My question is, how durable is cypress? Is using stirrups in a concrete footing and then fixing cypress posts going overboard, or is the cypress durable enough to be concreted into the footing without stirrups?

----------


## raff

Cyress looks better than treated pine if your planning on keeping the timber exposed and not stained, although my termite inspector guy hates it, their words to me said use treated pine over cypress, lasts longer and more termite resistant. I cant say how much truth is in this but im sure there will be varied views.  
My own personal opinion is anything that is used for structural purposes, such as decks, pergolas etc, use stirrups with the posts.

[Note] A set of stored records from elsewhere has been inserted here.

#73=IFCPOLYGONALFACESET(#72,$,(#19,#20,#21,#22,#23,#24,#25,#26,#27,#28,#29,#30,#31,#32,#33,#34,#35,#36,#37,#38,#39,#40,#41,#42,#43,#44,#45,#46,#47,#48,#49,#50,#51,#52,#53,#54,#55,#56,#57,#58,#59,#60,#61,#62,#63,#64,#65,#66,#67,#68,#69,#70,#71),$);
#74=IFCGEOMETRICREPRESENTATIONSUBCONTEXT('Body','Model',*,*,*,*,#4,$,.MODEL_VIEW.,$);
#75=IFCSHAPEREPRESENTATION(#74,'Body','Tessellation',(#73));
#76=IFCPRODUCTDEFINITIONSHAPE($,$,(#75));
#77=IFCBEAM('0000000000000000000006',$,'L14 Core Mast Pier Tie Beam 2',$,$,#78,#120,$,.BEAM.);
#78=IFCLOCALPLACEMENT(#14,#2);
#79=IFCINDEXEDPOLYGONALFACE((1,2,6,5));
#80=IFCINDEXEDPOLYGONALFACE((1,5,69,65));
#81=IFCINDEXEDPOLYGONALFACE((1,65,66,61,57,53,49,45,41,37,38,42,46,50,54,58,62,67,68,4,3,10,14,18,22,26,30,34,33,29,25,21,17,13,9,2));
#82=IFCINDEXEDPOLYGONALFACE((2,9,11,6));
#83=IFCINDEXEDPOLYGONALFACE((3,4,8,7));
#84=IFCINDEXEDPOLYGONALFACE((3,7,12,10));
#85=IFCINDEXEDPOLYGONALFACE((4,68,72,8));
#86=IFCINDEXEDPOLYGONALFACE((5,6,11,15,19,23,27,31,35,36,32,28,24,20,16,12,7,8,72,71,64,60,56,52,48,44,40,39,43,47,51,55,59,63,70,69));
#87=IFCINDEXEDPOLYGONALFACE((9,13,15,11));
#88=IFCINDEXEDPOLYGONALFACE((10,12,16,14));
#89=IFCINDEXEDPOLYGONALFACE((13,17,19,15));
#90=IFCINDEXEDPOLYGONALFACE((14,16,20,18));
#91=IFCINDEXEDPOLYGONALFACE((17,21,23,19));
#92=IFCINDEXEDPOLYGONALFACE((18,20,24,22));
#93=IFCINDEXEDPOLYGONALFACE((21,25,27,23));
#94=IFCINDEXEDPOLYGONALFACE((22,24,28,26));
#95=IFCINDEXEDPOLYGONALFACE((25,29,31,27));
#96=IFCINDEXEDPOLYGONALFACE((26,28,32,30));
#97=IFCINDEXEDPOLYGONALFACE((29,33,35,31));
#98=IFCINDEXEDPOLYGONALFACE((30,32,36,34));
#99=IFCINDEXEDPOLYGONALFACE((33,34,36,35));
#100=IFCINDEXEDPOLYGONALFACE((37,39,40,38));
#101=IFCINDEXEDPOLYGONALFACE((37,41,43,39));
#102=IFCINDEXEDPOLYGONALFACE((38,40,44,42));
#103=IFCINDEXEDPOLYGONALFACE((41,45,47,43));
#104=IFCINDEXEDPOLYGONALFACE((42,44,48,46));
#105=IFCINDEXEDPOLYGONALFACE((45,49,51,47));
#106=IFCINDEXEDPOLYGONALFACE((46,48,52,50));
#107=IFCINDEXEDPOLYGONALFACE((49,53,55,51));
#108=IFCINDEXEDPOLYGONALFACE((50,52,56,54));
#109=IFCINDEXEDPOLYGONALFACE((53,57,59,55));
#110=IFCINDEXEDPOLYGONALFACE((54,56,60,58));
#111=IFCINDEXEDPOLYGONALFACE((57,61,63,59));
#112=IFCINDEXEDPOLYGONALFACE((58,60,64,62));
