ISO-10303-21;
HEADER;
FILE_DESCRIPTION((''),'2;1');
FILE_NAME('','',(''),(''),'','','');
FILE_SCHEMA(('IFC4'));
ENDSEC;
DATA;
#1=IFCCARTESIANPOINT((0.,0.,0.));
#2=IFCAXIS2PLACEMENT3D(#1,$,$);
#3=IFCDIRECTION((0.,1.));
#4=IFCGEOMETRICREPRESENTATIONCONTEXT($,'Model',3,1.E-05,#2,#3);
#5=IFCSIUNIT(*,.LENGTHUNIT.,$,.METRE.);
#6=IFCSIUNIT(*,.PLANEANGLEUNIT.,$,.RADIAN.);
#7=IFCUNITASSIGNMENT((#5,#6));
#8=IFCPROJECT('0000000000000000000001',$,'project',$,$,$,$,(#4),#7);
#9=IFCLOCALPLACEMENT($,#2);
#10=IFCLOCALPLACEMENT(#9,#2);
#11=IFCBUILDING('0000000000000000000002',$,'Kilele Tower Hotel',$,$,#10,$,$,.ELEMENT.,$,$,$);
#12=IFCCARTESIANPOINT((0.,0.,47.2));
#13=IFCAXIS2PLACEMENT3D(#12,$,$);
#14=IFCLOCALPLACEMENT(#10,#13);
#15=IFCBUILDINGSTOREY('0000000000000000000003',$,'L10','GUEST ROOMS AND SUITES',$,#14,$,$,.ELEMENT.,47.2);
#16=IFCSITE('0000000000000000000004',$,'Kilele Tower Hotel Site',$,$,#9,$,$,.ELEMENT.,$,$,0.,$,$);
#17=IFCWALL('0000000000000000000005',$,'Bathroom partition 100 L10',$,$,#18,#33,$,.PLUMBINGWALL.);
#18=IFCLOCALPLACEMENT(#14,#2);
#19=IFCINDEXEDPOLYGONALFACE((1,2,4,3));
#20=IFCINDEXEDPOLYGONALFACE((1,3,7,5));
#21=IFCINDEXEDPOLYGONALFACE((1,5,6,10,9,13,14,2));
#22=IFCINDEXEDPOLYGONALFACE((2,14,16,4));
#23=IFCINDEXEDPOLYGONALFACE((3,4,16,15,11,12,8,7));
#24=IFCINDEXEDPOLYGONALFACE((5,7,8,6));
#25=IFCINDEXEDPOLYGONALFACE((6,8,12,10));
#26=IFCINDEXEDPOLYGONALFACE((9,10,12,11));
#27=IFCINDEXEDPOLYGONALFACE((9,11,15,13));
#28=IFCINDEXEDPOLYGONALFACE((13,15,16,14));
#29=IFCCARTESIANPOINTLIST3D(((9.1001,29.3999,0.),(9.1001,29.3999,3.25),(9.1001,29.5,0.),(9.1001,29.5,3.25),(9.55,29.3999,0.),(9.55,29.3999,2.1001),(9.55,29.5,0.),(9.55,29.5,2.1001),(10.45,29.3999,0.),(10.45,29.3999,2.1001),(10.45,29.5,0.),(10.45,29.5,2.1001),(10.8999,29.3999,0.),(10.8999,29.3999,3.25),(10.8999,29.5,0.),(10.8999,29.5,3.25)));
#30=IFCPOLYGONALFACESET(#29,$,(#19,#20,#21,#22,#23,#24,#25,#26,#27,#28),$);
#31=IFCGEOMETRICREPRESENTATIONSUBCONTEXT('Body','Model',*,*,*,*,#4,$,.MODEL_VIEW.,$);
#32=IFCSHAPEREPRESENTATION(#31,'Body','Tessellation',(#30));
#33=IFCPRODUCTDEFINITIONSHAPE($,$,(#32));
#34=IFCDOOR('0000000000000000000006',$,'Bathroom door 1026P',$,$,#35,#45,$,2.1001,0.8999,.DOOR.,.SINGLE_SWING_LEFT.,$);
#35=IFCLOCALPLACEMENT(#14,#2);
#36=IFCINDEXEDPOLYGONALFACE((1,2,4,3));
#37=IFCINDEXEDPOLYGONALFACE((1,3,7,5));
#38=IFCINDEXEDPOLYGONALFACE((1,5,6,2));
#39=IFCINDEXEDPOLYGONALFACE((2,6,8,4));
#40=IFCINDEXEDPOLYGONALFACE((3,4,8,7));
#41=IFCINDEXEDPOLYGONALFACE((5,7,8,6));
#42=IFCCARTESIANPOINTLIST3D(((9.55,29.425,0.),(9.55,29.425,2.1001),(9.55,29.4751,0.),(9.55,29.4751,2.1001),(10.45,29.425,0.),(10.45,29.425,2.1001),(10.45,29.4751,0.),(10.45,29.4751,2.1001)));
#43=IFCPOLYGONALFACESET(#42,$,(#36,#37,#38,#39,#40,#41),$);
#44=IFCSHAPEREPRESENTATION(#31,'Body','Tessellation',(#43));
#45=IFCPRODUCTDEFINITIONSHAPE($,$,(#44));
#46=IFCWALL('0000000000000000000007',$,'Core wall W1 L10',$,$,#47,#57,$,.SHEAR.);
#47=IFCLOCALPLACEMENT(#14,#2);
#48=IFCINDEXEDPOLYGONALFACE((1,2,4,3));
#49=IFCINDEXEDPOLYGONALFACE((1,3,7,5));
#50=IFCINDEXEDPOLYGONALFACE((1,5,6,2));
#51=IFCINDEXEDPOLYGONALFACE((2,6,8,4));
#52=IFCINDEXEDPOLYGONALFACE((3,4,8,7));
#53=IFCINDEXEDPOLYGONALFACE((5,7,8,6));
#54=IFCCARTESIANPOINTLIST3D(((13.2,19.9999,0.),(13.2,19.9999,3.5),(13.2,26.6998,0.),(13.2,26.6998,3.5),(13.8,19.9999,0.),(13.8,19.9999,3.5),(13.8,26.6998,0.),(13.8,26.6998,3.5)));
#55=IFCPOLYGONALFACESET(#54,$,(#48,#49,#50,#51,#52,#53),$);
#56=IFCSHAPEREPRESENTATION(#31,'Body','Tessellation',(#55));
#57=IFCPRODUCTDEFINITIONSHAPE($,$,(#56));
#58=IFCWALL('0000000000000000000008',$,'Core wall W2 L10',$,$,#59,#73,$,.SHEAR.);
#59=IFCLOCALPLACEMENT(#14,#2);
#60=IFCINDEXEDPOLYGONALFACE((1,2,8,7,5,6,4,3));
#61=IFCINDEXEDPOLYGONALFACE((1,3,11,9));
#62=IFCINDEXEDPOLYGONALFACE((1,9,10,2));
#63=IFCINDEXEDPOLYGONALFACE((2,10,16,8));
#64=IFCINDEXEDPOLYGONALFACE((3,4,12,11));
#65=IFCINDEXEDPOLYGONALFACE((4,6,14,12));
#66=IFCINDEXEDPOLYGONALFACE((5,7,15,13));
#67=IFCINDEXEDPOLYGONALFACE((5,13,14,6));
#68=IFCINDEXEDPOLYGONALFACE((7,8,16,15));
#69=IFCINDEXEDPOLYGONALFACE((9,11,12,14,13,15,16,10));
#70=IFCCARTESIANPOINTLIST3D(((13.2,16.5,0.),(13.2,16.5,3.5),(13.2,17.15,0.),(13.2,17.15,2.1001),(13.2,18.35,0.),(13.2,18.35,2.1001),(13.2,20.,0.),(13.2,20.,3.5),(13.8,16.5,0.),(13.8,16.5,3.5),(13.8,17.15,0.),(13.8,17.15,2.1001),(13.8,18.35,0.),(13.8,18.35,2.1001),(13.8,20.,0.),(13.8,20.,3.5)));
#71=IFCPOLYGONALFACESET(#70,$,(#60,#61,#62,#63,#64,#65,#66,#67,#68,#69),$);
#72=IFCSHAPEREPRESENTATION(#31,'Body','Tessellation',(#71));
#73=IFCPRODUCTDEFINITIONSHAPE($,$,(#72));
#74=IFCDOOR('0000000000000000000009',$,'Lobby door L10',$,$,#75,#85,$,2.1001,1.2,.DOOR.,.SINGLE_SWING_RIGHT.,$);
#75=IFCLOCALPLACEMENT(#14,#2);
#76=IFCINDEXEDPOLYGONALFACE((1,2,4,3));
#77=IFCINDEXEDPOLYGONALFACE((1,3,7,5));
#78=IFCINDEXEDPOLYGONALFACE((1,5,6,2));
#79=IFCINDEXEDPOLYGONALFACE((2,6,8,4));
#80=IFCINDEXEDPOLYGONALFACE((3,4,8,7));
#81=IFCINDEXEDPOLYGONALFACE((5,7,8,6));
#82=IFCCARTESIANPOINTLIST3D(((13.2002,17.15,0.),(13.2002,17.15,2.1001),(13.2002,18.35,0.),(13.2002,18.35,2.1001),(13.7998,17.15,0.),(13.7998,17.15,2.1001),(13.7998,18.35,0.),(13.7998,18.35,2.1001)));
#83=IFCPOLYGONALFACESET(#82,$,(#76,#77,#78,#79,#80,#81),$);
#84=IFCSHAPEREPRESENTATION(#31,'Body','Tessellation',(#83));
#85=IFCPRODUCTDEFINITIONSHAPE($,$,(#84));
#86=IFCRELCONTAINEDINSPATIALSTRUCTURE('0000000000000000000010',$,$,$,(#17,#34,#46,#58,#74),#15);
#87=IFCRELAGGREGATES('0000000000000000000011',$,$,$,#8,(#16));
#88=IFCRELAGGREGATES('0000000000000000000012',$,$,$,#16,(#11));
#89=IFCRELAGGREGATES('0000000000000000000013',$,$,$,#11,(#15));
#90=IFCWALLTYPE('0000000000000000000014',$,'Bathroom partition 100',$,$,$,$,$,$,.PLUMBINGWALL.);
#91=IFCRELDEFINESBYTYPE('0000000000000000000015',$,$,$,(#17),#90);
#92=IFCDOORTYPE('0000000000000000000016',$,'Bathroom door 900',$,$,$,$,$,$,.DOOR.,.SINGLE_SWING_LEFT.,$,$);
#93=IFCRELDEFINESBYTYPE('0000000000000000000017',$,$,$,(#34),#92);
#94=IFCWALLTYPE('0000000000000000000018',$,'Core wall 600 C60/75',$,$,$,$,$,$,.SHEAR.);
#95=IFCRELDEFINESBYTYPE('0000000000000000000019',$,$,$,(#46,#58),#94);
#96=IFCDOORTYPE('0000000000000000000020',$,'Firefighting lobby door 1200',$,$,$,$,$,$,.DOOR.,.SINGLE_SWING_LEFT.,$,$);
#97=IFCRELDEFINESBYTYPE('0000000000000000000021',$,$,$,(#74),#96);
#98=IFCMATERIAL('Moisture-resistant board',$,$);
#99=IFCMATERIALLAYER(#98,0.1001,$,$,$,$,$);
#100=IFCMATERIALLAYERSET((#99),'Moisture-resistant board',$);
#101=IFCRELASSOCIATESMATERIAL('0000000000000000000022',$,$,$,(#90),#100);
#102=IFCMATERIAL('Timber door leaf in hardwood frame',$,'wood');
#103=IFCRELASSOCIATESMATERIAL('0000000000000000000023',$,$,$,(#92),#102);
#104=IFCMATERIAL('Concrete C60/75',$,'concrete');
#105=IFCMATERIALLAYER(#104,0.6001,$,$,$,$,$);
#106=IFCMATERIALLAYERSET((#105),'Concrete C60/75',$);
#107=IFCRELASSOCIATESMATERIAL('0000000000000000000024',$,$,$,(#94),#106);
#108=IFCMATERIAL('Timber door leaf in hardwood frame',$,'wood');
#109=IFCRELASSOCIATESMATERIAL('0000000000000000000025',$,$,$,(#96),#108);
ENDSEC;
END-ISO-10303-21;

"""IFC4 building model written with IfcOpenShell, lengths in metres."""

from ifc_helpers import new_model, si_unit, direction, frame, frame_2d, origin, place, context, subcontext, project, spatial, rectangle, extrude, material, layer, layer_set, type_object, element, fill, save


model = new_model("IFC4")

# Units and contexts
model_context = context("Model", 3, precision=1e-05, world=origin(), true_north=direction((0.0, 1.0)))
body_context = subcontext(model_context, "Body", "Model", "MODEL_VIEW")
ifc_project = project(units=[si_unit("LENGTHUNIT", "METRE"), si_unit("PLANEANGLEUNIT", "RADIAN")], contexts=[model_context])

# Site, building, storey
site_placement = place(None, origin())
site = spatial("IfcSite", under=ifc_project, at=site_placement, Name="Kilele Tower Hotel Site", CompositionType="ELEMENT", RefElevation=0.0)
building_placement = place(site_placement, origin())
building = spatial("IfcBuilding", under=site, at=building_placement, Name="Kilele Tower Hotel", CompositionType="ELEMENT")
storey_placement = place(building_placement, frame((0.0, 0.0, 47.2)))
storey = spatial("IfcBuildingStorey", under=building, at=storey_placement, Name="L10", Description="GUEST ROOMS AND SUITES", CompositionType="ELEMENT", Elevation=47.2)

# Shared definitions
ifc_material_1 = material(Name="Moisture-resistant board")
ifc_layer_1 = layer(ifc_material_1, 0.1001)
ifc_layer_set_1 = layer_set([ifc_layer_1], Name="Moisture-resistant board")
wall_type_1 = type_object("IfcWallType", Name="Bathroom partition 100", PredefinedType="PLUMBINGWALL", material=ifc_layer_set_1)
ifc_material_2 = material(Name="Timber door leaf in hardwood frame", Category="wood")
door_type_1 = type_object("IfcDoorType", Name="Bathroom door 900", OperationType="SINGLE_SWING_LEFT", PredefinedType="DOOR", material=ifc_material_2)

# Wall, opening, door
wall_1_placement = place(storey_placement, frame((10.8999, 29.45, 0.0), z_axis=(0.0, 0.0, 1.0), x_axis=(-1.0, 0.0, 0.0)))
wall_1 = element("IfcWall", 1, at=wall_1_placement, inside=storey, type_object=wall_type_1, Name="Bathroom partition 100 L10", PredefinedType="PLUMBINGWALL", context=body_context, shape_type="SweptSolid", body=[
    extrude(rectangle(XDim=1.7998, YDim=0.1001, at=frame_2d((0.8999, 0.0))), origin(), (0.0, 0.0, 1.0), 3.25),
])
opening_1_placement = place(wall_1_placement, frame((0.45, 0.0, 0.0)))
opening_1 = element("IfcOpeningElement", 2, at=opening_1_placement, cuts=wall_1, PredefinedType="OPENING", context=body_context, shape_type="SweptSolid", body=[
    extrude(rectangle(XDim=0.8999, YDim=2.1001, at=frame_2d((0.45, 1.05))), frame((0.0, 0.0601, 0.0), z_axis=(0.0, -1.0, 0.0), x_axis=(1.0, 0.0, 0.0)), (0.0, 0.0, 1.0), 0.1201),
])
door_1_placement = place(opening_1_placement, origin())
door_1 = element("IfcDoor", 3, at=door_1_placement, inside=storey, type_object=door_type_1, Name="Bathroom door 1026P", OperationType="SINGLE_SWING_LEFT", OverallHeight=2.1001, OverallWidth=0.8999, PredefinedType="DOOR", context=body_context, shape_type="SweptSolid", body=[
    extrude(rectangle(XDim=0.8999, YDim=2.1001, at=frame_2d((0.45, 1.05))), frame((0.0, 0.0249, 0.0), z_axis=(0.0, -1.0, 0.0), x_axis=(1.0, 0.0, 0.0)), (0.0, 0.0, 1.0), 0.05),
])
fill(opening_1, door_1)

# Wall
ifc_material_3 = material(Name="Concrete C60/75", Category="concrete")
ifc_layer_2 = layer(ifc_material_3, 0.6001)
ifc_layer_set_2 = layer_set([ifc_layer_2], Name="Concrete C60/75")
wall_type_2 = type_object("IfcWallType", Name="Core wall 600 C60/75", PredefinedType="SHEAR", material=ifc_layer_set_2)
wall_2_placement = place(storey_placement, frame((13.5, 26.7, 0.0), z_axis=(0.0, 0.0, 1.0), x_axis=(0.0, -1.0, 0.0)))
element("IfcWall", 4, at=wall_2_placement, inside=storey, type_object=wall_type_2, Name="Core wall W1 L10", PredefinedType="SHEAR", context=body_context, shape_type="SweptSolid", body=[
    extrude(rectangle(XDim=6.7, YDim=0.6001, at=frame_2d((3.3501, 0.0))), origin(), (0.0, 0.0, 1.0), 3.5),
])

# Wall, opening, door
wall_3_placement = place(storey_placement, frame((13.5, 20.0, 0.0), z_axis=(0.0, 0.0, 1.0), x_axis=(0.0, -1.0, 0.0)))
wall_3 = element("IfcWall", 5, at=wall_3_placement, inside=storey, type_object=wall_type_2, Name="Core wall W2 L10", PredefinedType="SHEAR", context=body_context, shape_type="SweptSolid", body=[
    extrude(rectangle(XDim=3.5, YDim=0.6001, at=frame_2d((1.75, 0.0))), origin(), (0.0, 0.0, 1.0), 3.5),
])
opening_2_placement = place(wall_3_placement, frame((1.6499, 0.0, 0.0)))
opening_2 = element("IfcOpeningElement", 6, at=opening_2_placement, cuts=wall_3, PredefinedType="OPENING", context=body_context, shape_type="SweptSolid", body=[
    extrude(rectangle(XDim=1.2, YDim=2.1001, at=frame_2d((0.6001, 1.05))), frame((0.0, 0.3101, 0.0), z_axis=(0.0, -1.0, 0.0), x_axis=(1.0, 0.0, 0.0)), (0.0, 0.0, 1.0), 0.6201),
])
ifc_material_4 = material(Name="Timber door leaf in hardwood frame", Category="wood")
door_type_2 = type_object("IfcDoorType", Name="Firefighting lobby door 1200", OperationType="SINGLE_SWING_LEFT", PredefinedType="DOOR", material=ifc_material_4)
door_2_placement = place(opening_2_placement, origin())
door_2 = element("IfcDoor", 7, at=door_2_placement, inside=storey, type_object=door_type_2, Name="Lobby door L10", OperationType="SINGLE_SWING_RIGHT", OverallHeight=2.1001, OverallWidth=1.2, PredefinedType="DOOR", context=body_context, shape_type="SweptSolid", body=[
    extrude(rectangle(XDim=1.2, YDim=2.1001, at=frame_2d((0.6001, 1.05))), frame((0.0, 0.2998, 0.0), z_axis=(0.0, -1.0, 0.0), x_axis=(1.0, 0.0, 0.0)), (0.0, 0.0, 1.0), 0.5996),
])
fill(opening_2, door_2)

save(model, "model.ifc")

No matter what type of wood you use it will ultimately rot, different times for difference timbers, using stirrups and keeping the timber off the ground will prolong the life of the timber over burying in the ground, especially in a moist garden bed.

----------


## SilentButDeadly

cypress is a very durable timber but yep better on stirrups and even better when oiled or some such just to slow down any degradation. 
WARNING.....Wisteria is very hard on any timber posts.  It'll work OK but *under no circumstances* allow the wisteria to twine up the posts. As it twines and grows, the wisteria tightens its grip and will twist the timber.  I have seen a pair of tall 200mm square hardwood posts about half as thick as a telegraph pole used as verandah/roof posts that were twisted and bent by their accompannying wisteria - twist was so bad that the roof connection began to fail. 
If you want wistera then grow it up a wire beside the post (at least 100mm away) or better still between the posts until it thickens and becomes substantial...

----------


## president_ltd

if onto stirrups, cypress posts are fine.
but if burying it, treated pine is the only way to go. 
for cypress, adding something to protect the wood should be done too, either oil based or painted.  but if painted, why not go TP? 
second the comments above about wisteria.

----------